Christian Ludwig Rutt (October 8, 1859 – 1936) was a managing editor for the St. Joseph News-Press who is credited with coming up with the recipe and name for Aunt Jemima pancakes.

Rutt was born in Milwaukee, Wisconsin. In 1865 he moved with his parents to Atchison, Kansas, where he attended St. Benedict's College (now Benedictine College). He worked for several years at newspapers in Leavenworth, Kansas, and Texas.

He moved to St. Joseph, Missouri, in 1885, where he worked for the St. Joseph Gazette, working for John N. Edwards.

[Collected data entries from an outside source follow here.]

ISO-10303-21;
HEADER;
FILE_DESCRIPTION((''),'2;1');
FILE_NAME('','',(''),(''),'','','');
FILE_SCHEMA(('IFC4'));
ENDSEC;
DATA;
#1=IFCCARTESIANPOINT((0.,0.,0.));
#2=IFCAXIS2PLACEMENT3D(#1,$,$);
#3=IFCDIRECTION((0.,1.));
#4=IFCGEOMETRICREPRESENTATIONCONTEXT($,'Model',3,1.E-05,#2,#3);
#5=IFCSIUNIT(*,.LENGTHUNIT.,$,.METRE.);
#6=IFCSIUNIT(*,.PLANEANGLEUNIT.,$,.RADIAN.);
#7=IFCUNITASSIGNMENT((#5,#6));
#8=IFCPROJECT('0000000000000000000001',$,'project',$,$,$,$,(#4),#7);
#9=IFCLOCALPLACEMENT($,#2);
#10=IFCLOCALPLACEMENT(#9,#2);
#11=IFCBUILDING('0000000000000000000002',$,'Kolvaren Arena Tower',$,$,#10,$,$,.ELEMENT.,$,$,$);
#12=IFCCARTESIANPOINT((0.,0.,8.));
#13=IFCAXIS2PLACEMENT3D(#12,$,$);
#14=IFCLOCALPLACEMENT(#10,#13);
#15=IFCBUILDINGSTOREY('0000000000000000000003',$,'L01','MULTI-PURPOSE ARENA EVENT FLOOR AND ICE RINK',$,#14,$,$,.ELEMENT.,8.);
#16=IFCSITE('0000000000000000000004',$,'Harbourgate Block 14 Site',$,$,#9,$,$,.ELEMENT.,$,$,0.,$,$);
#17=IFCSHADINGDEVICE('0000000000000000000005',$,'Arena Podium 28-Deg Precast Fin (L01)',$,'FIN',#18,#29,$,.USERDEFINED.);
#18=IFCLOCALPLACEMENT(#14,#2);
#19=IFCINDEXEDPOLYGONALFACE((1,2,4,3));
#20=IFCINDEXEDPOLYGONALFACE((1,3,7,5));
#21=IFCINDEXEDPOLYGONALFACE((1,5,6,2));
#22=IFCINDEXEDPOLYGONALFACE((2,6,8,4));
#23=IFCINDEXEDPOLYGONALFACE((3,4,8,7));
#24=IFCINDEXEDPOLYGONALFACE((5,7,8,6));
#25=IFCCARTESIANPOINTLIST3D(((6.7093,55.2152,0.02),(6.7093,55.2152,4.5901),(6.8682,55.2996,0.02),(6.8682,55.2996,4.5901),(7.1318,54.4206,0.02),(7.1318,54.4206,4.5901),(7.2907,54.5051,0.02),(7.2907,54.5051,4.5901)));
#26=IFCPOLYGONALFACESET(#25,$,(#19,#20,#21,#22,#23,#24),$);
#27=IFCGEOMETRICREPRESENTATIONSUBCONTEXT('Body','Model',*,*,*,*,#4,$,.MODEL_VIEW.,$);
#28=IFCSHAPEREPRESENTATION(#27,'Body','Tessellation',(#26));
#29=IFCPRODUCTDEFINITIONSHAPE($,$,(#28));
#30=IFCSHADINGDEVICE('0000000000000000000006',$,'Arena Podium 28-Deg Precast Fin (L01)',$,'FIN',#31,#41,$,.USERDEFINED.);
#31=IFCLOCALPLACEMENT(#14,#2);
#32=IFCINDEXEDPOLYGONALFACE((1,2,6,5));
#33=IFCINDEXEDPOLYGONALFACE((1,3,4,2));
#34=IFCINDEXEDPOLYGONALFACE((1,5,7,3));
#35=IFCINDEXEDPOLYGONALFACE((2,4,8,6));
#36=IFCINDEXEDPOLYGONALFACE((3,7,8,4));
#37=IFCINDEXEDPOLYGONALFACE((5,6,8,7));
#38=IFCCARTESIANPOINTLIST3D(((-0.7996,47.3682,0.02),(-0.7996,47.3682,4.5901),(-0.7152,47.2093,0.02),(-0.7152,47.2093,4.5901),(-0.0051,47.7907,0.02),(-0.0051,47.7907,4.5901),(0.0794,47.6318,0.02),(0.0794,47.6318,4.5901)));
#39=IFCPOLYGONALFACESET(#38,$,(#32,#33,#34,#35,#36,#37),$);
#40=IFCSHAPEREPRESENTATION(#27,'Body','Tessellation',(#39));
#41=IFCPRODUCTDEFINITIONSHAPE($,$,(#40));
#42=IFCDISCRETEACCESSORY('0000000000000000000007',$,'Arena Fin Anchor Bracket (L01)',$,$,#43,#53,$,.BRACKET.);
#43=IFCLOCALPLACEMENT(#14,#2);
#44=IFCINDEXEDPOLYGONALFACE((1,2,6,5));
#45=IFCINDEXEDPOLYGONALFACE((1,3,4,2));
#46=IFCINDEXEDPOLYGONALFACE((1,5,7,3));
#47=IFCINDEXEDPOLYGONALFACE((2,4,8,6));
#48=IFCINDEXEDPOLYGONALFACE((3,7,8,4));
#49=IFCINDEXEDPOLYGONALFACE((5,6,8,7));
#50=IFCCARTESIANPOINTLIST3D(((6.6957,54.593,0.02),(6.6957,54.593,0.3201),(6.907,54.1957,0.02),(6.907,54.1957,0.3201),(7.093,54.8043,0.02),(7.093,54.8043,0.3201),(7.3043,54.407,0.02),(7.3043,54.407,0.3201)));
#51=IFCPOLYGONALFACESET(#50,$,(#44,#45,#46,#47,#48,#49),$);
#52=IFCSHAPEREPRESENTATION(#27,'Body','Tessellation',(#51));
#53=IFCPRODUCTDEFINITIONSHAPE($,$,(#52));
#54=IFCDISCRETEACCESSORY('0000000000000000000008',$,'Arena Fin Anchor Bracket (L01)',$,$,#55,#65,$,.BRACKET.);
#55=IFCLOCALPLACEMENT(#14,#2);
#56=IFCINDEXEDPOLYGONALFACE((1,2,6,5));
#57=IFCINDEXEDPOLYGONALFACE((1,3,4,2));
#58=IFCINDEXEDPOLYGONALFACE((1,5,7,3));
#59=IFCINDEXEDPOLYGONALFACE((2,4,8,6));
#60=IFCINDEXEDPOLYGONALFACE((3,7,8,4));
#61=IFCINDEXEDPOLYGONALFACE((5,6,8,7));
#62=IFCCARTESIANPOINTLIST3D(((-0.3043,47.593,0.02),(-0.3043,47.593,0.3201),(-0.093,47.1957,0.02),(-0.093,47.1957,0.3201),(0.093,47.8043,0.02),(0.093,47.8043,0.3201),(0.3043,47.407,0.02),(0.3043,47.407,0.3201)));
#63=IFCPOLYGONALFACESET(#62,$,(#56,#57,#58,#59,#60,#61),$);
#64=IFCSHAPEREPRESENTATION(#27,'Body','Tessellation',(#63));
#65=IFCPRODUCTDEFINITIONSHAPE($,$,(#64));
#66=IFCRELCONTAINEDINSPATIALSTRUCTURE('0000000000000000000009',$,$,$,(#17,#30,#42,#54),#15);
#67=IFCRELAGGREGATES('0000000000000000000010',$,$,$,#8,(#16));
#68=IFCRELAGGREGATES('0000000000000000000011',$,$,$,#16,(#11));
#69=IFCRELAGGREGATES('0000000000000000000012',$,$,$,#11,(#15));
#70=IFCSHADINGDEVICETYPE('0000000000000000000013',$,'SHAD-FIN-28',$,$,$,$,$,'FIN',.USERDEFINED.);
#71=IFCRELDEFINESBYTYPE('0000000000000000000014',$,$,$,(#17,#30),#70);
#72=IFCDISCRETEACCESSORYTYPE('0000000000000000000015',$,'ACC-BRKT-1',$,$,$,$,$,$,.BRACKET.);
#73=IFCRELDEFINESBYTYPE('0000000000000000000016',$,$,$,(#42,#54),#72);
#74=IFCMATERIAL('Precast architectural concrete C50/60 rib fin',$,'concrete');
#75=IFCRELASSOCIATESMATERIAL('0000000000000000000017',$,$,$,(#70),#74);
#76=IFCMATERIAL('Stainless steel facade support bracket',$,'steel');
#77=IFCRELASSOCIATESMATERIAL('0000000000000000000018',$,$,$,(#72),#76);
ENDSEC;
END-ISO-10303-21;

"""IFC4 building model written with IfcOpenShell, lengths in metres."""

from ifc_helpers import new_model, si_unit, direction, frame, origin, origin_2d, place, context, subcontext, project, spatial, rectangle, extrude, material, type_object, element, save


model = new_model("IFC4")

# Units and contexts
model_context = context("Model", 3, precision=1e-05, world=origin(), true_north=direction((0.0, 1.0)))
body_context = subcontext(model_context, "Body", "Model", "MODEL_VIEW")
ifc_project = project(units=[si_unit("LENGTHUNIT", "METRE"), si_unit("PLANEANGLEUNIT", "RADIAN")], contexts=[model_context])

# Site, building, storey
site_placement = place(None, origin())
site = spatial("IfcSite", under=ifc_project, at=site_placement, Name="Harbourgate Block 14 Site", CompositionType="ELEMENT", RefElevation=0.0)
building_placement = place(site_placement, origin())
building = spatial("IfcBuilding", under=site, at=building_placement, Name="Kolvaren Arena Tower", CompositionType="ELEMENT")
storey_placement = place(building_placement, frame((0.0, 0.0, 8.0)))
storey = spatial("IfcBuildingStorey", under=building, at=storey_placement, Name="L01", Description="MULTI-PURPOSE ARENA EVENT FLOOR AND ICE RINK", CompositionType="ELEMENT", Elevation=8.0)

# Shading devices
ifc_material_1 = material(Name="Precast architectural concrete C50/60 rib fin", Category="concrete")
shading_device_type = type_object("IfcShadingDeviceType", Name="SHAD-FIN-28", ElementType="FIN", PredefinedType="USERDEFINED", material=ifc_material_1)
for number, where, z_axis, x_axis, name in (
    (1, (7.0, 54.8601, 0.02), (0.0, 0.0, 1.0), (-0.469472, 0.882948, 0.0), "Arena Podium 28-Deg Precast Fin (L01)"),
    (2, (-0.3601, 47.5, 0.02), (0.0, 0.0, 1.0), (-0.882948, -0.469472, 0.0), "Arena Podium 28-Deg Precast Fin (L01)"),
):
    element("IfcShadingDevice", number, at=place(storey_placement, frame(where, z_axis=z_axis, x_axis=x_axis)), inside=storey, type_object=shading_device_type, Name=name, ObjectType="FIN", PredefinedType="USERDEFINED", context=body_context, shape_type="SweptSolid", body=[
        extrude(rectangle(XDim=0.8999, YDim=0.1799, at=origin_2d()), origin(), (0.0, 0.0, 1.0), 4.5701),
    ])

# Discrete accessories
ifc_material_2 = material(Name="Stainless steel facade support bracket", Category="steel")
discrete_accessory_type = type_object("IfcDiscreteAccessoryType", Name="ACC-BRKT-1", PredefinedType="BRACKET", material=ifc_material_2)
for number, where, z_axis, x_axis, name in (
    (3, (7.0, 54.5, 0.02), (0.0, 0.0, 1.0), (-0.469472, 0.882948, 0.0), "Arena Fin Anchor Bracket (L01)"),
    (4, (0.0, 47.5, 0.02), (0.0, 0.0, 1.0), (-0.882948, -0.469472, 0.0), "Arena Fin Anchor Bracket (L01)"),
):
    element("IfcDiscreteAccessory", number, at=place(storey_placement, frame(where, z_axis=z_axis, x_axis=x_axis)), inside=storey, type_object=discrete_accessory_type, Name=name, PredefinedType="BRACKET", context=body_context, shape_type="SweptSolid", body=[
        extrude(rectangle(XDim=0.45, YDim=0.45, at=origin_2d()), origin(), (0.0, 0.0, 1.0), 0.3),
    ])

save(model, "model.ifc")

In 1889, he attended a white minstrel show where the song "Old Aunt Jemima" was being performed. The minstrels had red bandanas in their hair, and wore aprons. He and Charles Underwood had recently bought the Pearl Milling company in St. Joseph. They trademarked the image. Unable to make it work, they sold to the R.T. Davis Milling Company in St. Joseph. Davis would hire Nancy Green to portray the character at the World's Columbian Exposition in 1893.

In 1900, he was made editor for the Gazette. In 1902, he became managing editor of the Daily News, which would become the News-Press. According to St. Joseph newspaper lore, at one point he would write an article in the morning Gazette and then refute it in the afternoon News.

Rutt continued as editor until his death in 1936.